For more, pay close attention to the Department of Combinatorics and
Optimization at Waterloo and Nemhauser's department at Georgia Tech.

Generally it will be tough for me to believe that the field of DNA biology has
much knowledge of that material if only because very few people do. Indeed,
your desire for P = NP does indicate that your field lets the P versus NP
question keep it from going after the field's holy grail, likely for no good
reason. Each protein you can correctly fold, each valuable molecule you can
create, can be a big step ahead, even without P = NP. Net, f'get about P
versus NP.

Next, as I outlined, even if tomorrow someone shows an algorithm that shows P
= NP, there is no guarantee that that algorithm will be 'fast'. Instead,
something with integer linear programming, touched up with various techniques,
might solve nearly all your problems plenty well and be much faster.

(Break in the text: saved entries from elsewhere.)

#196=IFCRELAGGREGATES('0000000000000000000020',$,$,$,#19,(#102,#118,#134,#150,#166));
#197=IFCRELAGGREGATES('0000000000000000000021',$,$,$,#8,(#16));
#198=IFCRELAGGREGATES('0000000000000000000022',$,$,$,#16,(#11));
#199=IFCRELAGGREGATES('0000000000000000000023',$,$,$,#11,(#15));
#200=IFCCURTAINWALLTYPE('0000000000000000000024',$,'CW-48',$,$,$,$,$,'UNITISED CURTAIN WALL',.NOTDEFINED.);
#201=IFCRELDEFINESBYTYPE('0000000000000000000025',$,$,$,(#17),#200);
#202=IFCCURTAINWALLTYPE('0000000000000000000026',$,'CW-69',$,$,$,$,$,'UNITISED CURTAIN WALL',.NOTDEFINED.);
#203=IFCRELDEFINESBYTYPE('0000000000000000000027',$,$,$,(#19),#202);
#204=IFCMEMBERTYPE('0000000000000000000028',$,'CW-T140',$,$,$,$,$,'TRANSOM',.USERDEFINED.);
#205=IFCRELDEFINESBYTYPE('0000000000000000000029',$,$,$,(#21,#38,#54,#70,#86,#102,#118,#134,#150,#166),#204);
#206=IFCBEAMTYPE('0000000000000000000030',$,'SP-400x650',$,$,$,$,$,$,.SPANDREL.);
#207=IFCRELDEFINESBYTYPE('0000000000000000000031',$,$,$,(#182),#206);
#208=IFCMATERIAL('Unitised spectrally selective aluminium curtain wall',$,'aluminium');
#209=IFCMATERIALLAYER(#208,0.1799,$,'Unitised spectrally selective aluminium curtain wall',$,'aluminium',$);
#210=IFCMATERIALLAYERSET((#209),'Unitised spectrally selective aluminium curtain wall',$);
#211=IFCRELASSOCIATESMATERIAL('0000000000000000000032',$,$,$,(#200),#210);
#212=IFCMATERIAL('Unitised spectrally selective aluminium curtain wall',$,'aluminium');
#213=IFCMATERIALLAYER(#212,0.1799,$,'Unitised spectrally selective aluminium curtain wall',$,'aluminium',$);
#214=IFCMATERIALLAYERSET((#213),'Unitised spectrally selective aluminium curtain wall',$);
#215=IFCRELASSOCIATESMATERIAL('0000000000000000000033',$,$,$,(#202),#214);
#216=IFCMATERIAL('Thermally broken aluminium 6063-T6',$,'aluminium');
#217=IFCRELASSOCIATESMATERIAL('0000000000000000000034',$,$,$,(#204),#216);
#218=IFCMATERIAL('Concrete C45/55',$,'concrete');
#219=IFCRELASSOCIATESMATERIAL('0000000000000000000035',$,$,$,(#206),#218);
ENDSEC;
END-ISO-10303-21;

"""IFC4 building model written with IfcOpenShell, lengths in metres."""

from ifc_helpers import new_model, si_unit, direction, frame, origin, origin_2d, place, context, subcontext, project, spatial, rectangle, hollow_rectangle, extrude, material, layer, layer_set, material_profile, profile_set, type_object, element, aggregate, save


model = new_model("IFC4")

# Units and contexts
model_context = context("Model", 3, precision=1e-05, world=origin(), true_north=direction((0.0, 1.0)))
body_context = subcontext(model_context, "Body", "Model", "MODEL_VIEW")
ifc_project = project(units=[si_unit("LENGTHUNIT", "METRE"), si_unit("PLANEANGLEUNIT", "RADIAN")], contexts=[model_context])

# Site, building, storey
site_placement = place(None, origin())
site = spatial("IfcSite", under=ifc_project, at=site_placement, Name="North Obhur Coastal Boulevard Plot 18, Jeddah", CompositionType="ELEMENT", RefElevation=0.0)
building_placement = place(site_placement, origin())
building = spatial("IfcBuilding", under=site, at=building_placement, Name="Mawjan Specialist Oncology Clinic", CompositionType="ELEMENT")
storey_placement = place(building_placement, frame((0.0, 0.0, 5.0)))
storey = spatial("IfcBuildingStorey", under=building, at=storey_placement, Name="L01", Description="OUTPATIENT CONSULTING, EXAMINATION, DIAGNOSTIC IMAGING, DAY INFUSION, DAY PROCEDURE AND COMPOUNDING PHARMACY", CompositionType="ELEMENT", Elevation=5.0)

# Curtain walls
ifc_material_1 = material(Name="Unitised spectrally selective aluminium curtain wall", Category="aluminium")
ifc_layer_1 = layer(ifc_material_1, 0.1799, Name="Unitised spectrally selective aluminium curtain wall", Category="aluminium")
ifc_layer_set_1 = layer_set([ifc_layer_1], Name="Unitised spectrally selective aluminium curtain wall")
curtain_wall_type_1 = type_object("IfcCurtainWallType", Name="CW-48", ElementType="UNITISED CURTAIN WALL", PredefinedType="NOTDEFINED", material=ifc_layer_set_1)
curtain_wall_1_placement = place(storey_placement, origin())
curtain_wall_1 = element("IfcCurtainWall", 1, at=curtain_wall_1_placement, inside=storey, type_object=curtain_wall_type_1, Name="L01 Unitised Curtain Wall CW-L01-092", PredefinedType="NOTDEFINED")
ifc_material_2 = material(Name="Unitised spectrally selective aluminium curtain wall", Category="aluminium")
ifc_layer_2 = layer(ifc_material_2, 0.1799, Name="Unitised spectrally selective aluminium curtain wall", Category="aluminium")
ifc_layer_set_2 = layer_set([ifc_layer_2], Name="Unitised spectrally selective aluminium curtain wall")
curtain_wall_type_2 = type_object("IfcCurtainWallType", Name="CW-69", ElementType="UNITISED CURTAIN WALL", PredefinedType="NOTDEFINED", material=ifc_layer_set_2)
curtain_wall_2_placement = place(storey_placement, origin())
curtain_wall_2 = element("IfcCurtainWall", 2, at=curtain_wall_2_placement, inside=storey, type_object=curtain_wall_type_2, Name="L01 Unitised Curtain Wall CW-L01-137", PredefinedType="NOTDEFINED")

Indeed, as in the classic Klee and Minty paper, the simplex algorithm is not
polynomial but in practice it totally knocks the socks off the polynomial
interior point algorithms. To be more clear, classic simplex runs in 3m where
m is the number of constraints and we get to ignore the number of columns. So,
classic simplex runs, in practice, faster than a polynomial of degree 1 in the
size of the input data. Still, it's 'exponential' in worst case. There are
more details on why in a classic paper by K. Borgward.

The polynomial algorithms for linear programming are way too slow for
practice.

So, I'm not just blowing smoke here: DO work on your problems but F'GET about
P versus NP.

------
williamdix
It makes me feel good about the $200,000 spent on my education that I got to
take classes with two of the people mentioned with important results. One of
them, Mulmuley, was the most intimidating professor I ever had, and I felt
very lucky to get out of that class with a C.